De wettelijke condities worden getoetst door de GGD. Indien dit niet door de GGD getoetst is op het moment dat de Inspectie de locatie bezoekt, toetst de Inspectie dit onderdeel zelf. Toezicht en handhaving op de kwaliteit van de locaties zoals geconstateerd door de GGD, wordt uitgevoerd volgens de beleidsregels die de gemeente hiervoor heeft opgesteld op grond van de Wet Kinderopvang.
Voor beide onder artikel 9 genoemde subsidies geldt dat het college de aanvraagformulieren vaststelt.
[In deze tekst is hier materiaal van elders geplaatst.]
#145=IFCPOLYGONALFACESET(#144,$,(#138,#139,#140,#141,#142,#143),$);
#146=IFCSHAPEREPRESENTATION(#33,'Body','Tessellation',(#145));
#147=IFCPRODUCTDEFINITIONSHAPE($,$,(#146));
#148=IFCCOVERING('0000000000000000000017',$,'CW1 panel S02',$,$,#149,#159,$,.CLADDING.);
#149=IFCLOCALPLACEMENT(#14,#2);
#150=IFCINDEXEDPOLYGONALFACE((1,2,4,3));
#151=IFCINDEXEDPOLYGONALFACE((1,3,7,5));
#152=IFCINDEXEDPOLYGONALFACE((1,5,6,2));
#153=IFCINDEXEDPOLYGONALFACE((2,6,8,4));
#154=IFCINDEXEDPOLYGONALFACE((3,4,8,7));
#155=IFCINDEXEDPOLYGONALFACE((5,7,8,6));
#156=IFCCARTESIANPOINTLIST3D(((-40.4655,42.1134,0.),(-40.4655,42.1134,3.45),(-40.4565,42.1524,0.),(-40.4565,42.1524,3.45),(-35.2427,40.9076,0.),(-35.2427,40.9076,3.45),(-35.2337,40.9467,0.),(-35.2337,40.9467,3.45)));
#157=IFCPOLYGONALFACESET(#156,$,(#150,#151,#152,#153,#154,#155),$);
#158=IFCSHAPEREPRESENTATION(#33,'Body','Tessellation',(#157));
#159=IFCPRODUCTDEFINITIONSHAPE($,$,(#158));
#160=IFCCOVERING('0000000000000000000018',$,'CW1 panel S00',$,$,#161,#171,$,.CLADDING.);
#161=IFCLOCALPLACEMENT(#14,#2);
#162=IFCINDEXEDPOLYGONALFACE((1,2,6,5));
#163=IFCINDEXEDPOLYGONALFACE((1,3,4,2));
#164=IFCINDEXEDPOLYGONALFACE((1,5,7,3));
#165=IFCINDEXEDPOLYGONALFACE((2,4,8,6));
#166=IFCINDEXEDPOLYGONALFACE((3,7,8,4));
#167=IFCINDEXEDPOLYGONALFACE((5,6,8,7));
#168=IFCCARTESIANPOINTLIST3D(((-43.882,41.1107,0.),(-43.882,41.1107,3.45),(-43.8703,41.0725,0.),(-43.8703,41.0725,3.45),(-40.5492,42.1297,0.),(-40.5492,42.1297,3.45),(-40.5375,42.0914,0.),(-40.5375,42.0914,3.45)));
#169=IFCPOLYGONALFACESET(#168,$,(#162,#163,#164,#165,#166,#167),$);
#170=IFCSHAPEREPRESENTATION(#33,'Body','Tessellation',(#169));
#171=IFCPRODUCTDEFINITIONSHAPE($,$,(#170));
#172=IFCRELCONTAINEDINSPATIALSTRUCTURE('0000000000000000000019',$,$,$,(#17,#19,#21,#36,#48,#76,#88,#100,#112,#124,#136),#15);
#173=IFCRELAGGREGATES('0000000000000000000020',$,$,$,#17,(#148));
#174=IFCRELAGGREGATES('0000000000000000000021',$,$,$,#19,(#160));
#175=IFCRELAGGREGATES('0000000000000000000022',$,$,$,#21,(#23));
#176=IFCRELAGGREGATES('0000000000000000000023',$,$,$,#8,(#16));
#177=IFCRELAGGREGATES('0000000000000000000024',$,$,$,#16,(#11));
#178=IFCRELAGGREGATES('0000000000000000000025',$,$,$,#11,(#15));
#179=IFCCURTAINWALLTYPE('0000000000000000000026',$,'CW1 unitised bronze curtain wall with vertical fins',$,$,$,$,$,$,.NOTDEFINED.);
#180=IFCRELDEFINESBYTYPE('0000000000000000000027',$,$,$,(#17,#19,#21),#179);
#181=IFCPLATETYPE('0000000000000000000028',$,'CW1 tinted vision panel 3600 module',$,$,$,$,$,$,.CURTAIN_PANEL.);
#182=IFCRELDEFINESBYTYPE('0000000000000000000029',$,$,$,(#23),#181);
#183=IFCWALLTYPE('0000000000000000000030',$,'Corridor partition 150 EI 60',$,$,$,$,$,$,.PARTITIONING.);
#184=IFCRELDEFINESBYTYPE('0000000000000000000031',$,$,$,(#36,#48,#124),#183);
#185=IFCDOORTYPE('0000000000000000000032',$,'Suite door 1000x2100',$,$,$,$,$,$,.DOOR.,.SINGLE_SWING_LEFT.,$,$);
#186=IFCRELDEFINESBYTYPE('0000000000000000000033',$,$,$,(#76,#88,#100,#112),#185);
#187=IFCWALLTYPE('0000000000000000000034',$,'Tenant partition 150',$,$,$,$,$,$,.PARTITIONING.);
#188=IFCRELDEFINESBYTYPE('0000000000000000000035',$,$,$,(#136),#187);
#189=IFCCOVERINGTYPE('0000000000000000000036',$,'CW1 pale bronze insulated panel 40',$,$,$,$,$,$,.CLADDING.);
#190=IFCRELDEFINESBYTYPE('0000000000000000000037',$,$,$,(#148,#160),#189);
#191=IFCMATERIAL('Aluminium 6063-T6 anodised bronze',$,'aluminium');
Het aanvraagformulier voor een subsidie ten behoeve van doelgroeppeuters is opgenomen bij deze uitvoeringsregels als bijlage 4. Het aanvraagformulier voor nieuwe aanbieders ten behoeve van een subsidie bedoeld voor de scholing van leidsters en aanschaf van een VVE programma is opgenomen bij deze uitvoeringsregels als bijlage 5.
De hardheidsclausule wordt in ieder geval toegepast voor peuters die
in 2014 op indicatie van het CJG gebruik maakten van een derde dagdeel peuterspeelzaal. Zij kunnen in aanmerking worden gebracht voor de extra VVE – uren ook als zij geen indicatie van het consultatiebureau hebben.
Deze uitvoeringsregeling treedt in werking op 1 januari 2015;
Deze uitvoeringsregeling wordt aangehaald als: uitvoeringsregeling gemeentetoeslag voor peuteropvang en VVE Opsterland 2015.